Summer 2025 Projects
- Math 398
- 5 credit, Credit/No Credit grading
- Independent study research course meeting with faculty weekly
- Does not count towards math degree requirements
Project A: The Teaching of Mathematics
Instructors: Jim King and Charles Camacho
As a student, you have experienced a lot of math instruction. This course is an opportunity to explore what goes into math teaching. The course will provide examples and activities at a variety of levels and topics to expand your knowledge and stimulate your imagination. Then you will create a project on a topic you choose to pursue inside this big subject.
Prerequisite: None
Meets remotely, M/W 2:30-4:00, message board for discussion between meetings.
Project B: Calculus Based Projects
Instructors: Charles Camacho and Andy Loveless
Have you ever wondered how calculus is used to understand the world around us? In this course, you will explore engaging calculus-based projects from single-variable differential and integral calculus and even create one of your own! Projects include playground mathematics, cutting pancakes in higher dimensions, and the mathematics of tennis. Students will also work closely with a faculty member to apply calculus to a project that they design.
Prerequisite: MATH 125 Calculus II
Meets remotely, Tuesdays 1-3pm
Project C: Approximating Algebraic Structures
Instructor: Be'eri Greenfeld
This project will explore a class of questions arising in asymptotic algebra, such as: Can we find matrices A and B such that AB−BA=I? Can we find matrices for which AB−BA is “close” (in some sense) to the identity matrix I? Given matrices A and B that almost commute (i.e., AB≈BA), can we perturb them slightly to obtain new matrices A′,B′ that do commute? The answers to these questions are (respectively): no, yes, and sometimes. These problems lie at the intersection of several active areas of contemporary mathematical research, including metric algebra, quantum information theory, and approximation theory in group and operator algebras. The primary aim of this project is to develop an understanding of the theoretical foundations and current research surrounding approximations of algebraic structures.
Prerequisite: MATH 403 Intro. to Modern Algebra - Elementary Theory of Groups
Meets in-person, M/TH 10:30-noon
Project D: A Markov Chain Model of Social Media Polarization
Instructor: Soumik Pal
It is often said that social media leads to polarization in society and the algorithms used by social media companies have an immense impact on the level and speed of polarization. This project will aim to build Markov chain models of social media to display the effect of policy on polarization. We also aim to infer policies that can reverse polarization with minimum cost. The goal is to write a project report with graphics made for presentation.

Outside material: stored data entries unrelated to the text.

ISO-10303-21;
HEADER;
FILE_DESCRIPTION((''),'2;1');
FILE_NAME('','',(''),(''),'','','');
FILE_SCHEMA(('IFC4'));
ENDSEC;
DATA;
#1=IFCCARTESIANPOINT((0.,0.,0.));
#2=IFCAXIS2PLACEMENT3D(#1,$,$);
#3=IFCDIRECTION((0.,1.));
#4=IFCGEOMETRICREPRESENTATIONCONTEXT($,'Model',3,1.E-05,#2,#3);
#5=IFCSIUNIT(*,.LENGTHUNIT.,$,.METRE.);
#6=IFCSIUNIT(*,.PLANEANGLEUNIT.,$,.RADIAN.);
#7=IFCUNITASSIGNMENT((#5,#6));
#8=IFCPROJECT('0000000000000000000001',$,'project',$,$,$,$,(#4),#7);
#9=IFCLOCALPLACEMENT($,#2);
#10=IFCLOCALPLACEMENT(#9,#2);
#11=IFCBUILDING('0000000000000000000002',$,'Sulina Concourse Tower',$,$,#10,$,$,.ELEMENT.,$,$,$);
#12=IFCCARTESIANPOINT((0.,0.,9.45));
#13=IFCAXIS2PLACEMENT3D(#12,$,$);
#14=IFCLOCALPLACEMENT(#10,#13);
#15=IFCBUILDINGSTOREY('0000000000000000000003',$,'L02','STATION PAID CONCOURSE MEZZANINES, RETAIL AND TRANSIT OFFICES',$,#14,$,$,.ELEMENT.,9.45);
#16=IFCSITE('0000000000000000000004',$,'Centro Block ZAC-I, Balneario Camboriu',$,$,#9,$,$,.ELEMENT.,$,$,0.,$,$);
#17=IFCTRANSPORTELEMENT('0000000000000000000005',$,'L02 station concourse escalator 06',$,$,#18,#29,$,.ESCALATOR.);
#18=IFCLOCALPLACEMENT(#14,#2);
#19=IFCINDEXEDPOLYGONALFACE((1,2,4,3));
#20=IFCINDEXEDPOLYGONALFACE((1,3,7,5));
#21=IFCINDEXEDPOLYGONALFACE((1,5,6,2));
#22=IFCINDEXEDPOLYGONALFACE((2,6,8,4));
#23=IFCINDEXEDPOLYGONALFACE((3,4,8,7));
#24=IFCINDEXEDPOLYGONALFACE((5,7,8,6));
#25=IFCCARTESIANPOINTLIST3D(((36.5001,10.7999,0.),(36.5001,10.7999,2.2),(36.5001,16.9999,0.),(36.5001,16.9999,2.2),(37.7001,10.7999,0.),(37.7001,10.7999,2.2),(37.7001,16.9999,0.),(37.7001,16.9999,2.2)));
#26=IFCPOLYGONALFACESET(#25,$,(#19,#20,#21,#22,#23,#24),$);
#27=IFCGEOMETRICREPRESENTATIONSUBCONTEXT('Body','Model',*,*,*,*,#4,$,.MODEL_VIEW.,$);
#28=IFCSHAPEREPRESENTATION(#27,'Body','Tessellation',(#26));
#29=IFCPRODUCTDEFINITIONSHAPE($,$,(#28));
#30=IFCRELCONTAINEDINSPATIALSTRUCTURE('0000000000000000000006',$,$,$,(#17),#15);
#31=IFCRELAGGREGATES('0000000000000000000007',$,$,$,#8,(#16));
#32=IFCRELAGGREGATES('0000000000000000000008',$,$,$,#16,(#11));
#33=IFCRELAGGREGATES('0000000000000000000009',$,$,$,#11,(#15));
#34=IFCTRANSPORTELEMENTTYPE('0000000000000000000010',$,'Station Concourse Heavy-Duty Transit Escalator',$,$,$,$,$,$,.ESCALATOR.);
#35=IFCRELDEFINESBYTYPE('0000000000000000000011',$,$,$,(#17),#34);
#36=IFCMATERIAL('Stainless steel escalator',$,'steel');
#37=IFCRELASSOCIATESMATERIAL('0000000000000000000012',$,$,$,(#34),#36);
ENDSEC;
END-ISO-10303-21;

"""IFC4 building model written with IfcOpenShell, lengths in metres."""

from ifc_helpers import new_model, si_unit, direction, frame, origin, origin_2d, place, context, subcontext, project, spatial, rectangle, extrude, material, type_object, element, save


model = new_model("IFC4")

# Units and contexts
model_context = context("Model", 3, precision=1e-05, world=origin(), true_north=direction((0.0, 1.0)))
body_context = subcontext(model_context, "Body", "Model", "MODEL_VIEW")
ifc_project = project(units=[si_unit("LENGTHUNIT", "METRE"), si_unit("PLANEANGLEUNIT", "RADIAN")], contexts=[model_context])

# Site, building, storey
site_placement = place(None, origin())
site = spatial("IfcSite", under=ifc_project, at=site_placement, Name="Centro Block ZAC-I, Balneario Camboriu", CompositionType="ELEMENT", RefElevation=0.0)
building_placement = place(site_placement, origin())
building = spatial("IfcBuilding", under=site, at=building_placement, Name="Sulina Concourse Tower", CompositionType="ELEMENT")
storey_placement = place(building_placement, frame((0.0, 0.0, 9.45)))
storey = spatial("IfcBuildingStorey", under=building, at=storey_placement, Name="L02", Description="STATION PAID CONCOURSE MEZZANINES, RETAIL AND TRANSIT OFFICES", CompositionType="ELEMENT", Elevation=9.45)

# Transport element
ifc_material_1 = material(Name="Stainless steel escalator", Category="steel")
transport_element_type = type_object("IfcTransportElementType", Name="Station Concourse Heavy-Duty Transit Escalator", PredefinedType="ESCALATOR", material=ifc_material_1)
transport_element_placement = place(storey_placement, frame((37.1001, 13.8999, 0.0), z_axis=(0.0, 0.0, 1.0), x_axis=(1.0, 0.0, 0.0)))
element("IfcTransportElement", 1, at=transport_element_placement, inside=storey, type_object=transport_element_type, Name="L02 station concourse escalator 06", PredefinedType="ESCALATOR", context=body_context, shape_type="SweptSolid", body=[
    extrude(rectangle(XDim=1.2, YDim=6.2, at=origin_2d()), origin(), (0.0, 0.0, 1.0), 2.2),
])

save(model, "model.ifc")
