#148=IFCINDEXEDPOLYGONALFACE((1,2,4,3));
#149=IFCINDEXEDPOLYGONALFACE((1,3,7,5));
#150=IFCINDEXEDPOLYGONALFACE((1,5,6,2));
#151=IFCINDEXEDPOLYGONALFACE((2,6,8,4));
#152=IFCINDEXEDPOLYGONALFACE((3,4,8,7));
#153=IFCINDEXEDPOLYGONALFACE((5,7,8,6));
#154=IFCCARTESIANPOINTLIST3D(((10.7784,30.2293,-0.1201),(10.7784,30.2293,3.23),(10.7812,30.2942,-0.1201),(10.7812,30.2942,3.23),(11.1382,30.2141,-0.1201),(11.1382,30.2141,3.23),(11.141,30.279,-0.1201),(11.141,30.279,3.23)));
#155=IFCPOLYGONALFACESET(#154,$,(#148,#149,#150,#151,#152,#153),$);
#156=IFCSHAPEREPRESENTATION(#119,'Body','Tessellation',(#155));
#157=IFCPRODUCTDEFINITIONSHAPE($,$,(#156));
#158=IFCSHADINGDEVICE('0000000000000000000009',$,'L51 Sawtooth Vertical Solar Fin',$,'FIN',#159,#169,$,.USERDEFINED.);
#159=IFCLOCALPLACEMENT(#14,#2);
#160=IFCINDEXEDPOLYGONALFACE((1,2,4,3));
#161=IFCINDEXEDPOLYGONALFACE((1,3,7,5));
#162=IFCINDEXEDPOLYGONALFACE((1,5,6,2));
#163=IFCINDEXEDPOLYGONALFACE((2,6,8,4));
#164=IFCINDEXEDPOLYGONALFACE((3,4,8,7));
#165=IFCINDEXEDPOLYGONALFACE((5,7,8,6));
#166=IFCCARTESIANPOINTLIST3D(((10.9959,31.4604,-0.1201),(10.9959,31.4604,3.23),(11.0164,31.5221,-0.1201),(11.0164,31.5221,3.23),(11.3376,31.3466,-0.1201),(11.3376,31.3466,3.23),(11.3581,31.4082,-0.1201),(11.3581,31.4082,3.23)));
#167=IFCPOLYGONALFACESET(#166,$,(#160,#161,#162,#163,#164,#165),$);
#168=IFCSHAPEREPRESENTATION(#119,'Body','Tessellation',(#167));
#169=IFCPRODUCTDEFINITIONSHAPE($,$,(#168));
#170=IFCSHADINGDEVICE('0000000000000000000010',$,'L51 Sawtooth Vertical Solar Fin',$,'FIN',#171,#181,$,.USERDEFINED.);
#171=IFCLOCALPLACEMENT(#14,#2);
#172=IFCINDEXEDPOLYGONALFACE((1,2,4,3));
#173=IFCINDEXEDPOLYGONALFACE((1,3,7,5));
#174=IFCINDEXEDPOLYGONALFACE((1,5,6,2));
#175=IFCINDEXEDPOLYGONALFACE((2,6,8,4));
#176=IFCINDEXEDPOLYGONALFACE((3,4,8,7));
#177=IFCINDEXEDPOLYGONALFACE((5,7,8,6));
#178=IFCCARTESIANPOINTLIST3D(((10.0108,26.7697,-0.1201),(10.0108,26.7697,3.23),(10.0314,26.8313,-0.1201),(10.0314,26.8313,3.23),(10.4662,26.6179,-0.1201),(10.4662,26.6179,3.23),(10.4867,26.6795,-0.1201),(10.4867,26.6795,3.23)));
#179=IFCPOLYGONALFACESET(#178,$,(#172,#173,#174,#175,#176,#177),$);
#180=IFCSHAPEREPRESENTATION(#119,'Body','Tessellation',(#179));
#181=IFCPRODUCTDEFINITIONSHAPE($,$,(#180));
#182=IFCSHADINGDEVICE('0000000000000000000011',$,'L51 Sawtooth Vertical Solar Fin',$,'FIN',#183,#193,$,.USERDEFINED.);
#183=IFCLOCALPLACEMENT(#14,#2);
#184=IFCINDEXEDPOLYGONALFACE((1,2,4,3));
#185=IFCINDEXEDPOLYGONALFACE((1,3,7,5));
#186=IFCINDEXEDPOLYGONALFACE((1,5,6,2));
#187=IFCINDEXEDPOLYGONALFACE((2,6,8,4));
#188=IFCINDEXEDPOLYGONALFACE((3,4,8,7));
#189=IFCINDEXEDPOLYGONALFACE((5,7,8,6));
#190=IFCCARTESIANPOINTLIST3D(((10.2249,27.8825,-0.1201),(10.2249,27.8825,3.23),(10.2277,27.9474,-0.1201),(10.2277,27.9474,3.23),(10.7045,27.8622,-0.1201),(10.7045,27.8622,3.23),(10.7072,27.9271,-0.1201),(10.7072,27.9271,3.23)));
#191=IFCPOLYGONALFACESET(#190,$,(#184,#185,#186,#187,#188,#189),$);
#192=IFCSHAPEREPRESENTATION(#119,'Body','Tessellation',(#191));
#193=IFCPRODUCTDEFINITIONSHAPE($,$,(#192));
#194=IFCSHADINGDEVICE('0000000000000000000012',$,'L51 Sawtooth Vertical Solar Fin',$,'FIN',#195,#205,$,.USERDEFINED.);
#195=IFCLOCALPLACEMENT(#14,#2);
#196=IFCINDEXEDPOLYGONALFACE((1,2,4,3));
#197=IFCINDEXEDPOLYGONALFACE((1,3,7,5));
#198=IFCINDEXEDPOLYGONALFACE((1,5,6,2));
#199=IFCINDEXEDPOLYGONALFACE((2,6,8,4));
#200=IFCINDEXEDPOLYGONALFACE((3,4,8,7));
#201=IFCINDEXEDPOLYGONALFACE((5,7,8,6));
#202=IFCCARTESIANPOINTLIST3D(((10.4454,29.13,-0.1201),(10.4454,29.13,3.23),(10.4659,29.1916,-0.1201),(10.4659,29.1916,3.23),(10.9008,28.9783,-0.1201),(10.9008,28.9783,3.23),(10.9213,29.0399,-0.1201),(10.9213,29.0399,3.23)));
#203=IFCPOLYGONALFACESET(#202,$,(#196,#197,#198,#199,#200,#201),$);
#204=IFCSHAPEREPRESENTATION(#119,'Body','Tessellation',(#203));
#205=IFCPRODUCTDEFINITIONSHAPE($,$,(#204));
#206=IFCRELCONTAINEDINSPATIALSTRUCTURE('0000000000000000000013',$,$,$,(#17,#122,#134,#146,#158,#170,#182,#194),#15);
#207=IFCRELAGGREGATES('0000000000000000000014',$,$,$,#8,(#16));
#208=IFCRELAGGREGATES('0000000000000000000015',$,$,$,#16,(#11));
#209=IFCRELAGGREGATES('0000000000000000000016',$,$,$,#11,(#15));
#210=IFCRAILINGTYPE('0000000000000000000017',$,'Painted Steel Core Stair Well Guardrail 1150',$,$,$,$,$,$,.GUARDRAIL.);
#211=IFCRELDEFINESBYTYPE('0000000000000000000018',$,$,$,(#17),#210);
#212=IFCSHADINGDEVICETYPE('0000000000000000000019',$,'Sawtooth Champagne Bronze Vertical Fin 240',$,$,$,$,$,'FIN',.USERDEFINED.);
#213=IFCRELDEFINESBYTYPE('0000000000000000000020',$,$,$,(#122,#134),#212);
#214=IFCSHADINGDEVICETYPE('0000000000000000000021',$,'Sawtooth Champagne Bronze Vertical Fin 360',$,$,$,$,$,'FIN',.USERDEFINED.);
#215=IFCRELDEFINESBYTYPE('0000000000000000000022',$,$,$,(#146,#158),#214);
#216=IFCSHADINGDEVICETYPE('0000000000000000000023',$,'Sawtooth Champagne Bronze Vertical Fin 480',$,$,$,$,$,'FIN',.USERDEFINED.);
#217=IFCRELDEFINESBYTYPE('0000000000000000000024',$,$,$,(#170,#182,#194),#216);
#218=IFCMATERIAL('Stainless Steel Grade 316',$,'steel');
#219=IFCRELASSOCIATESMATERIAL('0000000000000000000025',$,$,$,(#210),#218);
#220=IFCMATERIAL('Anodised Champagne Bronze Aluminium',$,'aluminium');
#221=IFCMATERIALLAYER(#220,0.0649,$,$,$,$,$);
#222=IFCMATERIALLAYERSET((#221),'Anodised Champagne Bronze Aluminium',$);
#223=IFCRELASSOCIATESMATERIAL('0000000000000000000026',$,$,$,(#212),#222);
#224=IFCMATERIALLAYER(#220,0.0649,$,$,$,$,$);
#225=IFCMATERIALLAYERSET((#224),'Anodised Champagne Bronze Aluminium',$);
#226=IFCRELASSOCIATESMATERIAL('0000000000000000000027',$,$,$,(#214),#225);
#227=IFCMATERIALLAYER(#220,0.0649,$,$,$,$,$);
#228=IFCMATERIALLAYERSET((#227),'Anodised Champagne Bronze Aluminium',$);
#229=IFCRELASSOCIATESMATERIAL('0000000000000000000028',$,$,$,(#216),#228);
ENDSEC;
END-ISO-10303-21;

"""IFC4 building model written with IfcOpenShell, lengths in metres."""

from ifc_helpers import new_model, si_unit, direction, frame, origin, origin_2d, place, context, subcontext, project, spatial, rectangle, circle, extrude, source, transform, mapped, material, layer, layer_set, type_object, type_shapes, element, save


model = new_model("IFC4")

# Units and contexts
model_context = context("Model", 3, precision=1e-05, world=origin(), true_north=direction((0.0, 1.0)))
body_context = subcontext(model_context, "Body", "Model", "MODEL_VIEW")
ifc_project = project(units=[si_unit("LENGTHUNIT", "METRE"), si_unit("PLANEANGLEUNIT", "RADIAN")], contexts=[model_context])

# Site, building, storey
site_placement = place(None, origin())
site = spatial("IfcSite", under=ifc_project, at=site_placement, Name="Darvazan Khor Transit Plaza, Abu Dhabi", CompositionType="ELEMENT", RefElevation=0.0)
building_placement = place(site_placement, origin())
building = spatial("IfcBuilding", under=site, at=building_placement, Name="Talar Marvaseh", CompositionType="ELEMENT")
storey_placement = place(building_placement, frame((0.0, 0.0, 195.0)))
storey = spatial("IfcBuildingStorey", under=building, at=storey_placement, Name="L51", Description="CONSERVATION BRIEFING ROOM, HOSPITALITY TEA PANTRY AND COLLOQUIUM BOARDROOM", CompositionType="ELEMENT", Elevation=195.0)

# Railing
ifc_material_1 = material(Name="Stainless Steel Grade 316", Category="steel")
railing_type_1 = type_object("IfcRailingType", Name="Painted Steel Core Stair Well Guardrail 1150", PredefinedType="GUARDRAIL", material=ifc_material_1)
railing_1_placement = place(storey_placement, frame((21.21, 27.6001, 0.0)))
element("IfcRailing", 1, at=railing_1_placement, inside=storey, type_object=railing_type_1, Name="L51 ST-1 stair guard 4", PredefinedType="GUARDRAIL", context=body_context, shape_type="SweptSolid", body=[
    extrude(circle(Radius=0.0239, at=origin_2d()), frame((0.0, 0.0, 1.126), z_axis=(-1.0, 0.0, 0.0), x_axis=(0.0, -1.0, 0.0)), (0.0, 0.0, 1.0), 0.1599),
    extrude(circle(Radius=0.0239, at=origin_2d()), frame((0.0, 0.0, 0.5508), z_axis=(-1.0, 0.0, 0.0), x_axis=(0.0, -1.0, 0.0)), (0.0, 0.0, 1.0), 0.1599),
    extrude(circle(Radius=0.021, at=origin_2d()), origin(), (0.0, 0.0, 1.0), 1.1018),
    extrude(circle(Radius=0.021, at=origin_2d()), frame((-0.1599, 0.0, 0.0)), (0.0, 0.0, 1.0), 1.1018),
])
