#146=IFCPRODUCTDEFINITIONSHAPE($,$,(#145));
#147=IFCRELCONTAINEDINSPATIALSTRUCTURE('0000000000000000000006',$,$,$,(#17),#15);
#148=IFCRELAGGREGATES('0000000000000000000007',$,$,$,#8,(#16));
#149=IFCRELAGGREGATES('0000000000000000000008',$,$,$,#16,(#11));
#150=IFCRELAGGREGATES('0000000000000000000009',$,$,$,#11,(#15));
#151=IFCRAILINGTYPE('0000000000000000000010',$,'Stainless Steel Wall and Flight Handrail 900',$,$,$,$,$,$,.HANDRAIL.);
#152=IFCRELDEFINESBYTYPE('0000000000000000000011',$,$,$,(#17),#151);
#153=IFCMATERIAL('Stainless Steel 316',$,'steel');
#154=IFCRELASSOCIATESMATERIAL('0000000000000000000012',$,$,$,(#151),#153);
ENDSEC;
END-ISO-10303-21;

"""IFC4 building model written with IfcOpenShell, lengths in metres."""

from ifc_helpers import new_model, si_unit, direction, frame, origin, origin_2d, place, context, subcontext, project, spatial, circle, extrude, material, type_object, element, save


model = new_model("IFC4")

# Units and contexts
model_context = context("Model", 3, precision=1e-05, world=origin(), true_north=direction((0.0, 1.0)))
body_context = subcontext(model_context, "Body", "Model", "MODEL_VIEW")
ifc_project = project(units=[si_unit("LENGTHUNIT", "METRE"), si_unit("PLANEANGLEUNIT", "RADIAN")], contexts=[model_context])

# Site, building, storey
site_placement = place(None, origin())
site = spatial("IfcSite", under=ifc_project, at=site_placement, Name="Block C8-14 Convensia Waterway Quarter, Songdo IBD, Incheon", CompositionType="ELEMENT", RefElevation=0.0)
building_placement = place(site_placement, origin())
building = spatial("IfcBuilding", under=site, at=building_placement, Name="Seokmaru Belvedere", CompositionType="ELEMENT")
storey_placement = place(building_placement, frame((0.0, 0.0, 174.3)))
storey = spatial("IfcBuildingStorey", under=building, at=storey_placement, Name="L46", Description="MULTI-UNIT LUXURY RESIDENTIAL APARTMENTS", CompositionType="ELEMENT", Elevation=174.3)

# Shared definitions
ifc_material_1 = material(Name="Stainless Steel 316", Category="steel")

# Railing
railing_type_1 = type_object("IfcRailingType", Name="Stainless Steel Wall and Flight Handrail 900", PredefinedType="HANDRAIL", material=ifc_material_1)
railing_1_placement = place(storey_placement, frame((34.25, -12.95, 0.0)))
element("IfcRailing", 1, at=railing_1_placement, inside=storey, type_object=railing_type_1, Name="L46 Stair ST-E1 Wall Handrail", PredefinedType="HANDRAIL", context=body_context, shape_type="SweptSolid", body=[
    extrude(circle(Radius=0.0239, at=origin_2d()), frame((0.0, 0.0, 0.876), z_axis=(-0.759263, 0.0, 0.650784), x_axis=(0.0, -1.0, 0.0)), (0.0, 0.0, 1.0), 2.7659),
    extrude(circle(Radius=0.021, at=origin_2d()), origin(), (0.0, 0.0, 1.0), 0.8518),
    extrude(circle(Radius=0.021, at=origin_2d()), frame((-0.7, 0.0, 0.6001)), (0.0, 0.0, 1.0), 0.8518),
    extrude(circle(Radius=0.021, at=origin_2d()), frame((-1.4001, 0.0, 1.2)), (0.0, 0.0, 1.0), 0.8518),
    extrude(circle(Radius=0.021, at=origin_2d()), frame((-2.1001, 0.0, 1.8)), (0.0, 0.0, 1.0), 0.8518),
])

Prerequisites: undergraduate probability, Python programming, and knowledge of Markov chains is preferred
Meets in-person, MON 11:00
Project E: Exploring Super Vector Spaces
Instructor: Guillermo Sanmarco
In order to understand an algebraic object (such as a group or an algebra), it is customary to study linear actions of said object in vector spaces over a fixed field. By doing so, we can use the well-understood theory of vector spaces to get a better idea of our original object. One of the guiding principles in modern algebra suggests that we can obtain more information by studying the collection of all such linear actions. In fact, this newly formed collection usually possesses very rich structures of its own. The study of these structures becomes of independent interest, which is precisely the goal of the theory of Tensor categories.
Prerequisite: MATH 318 or MATH 336 or MATH 340 or MATH 402
Meets remotely, WED 10:00 to noon
Project F: Beyond the fourth dimension
Instructor: Sándor Kovács
It is often said that time is the fourth dimension. In fact, in the Minkowski spacetime four dimensional model the three spatial and one time dimensions are considered equivalent. More recent research, string theory, suggests that our space is even higher dimensional, it is at least 10 (superstring theory), or possibly even 11 (M-theory) or 26 (bosonic string theory) dimensional. The reason we are not aware of these extra dimensions in our everyday life is that they are extremely tiny. Imagine that you were confined between two walls and not able to move your head toward the wall. You would only perceive a two-dimensional world even though your body is three-dimensional. String theory suggests that our 4-dimensional spacetime is confined between these very high dimensional walls that are extremely close to each other.
The goal of this project is to understand the precise mathematical description of these higher dimensional models. An interesting feature is that these extra dimensions are not linear which makes their geometry more complicated and simultaneously much more interesting.
We will aim to get to a level of understanding that will allow discussing current open mathematical problems in the area.
Prerequisite: a minimum 2.0 in Math 318 or Math 402
Meets remotely on Tuesdays 10-noon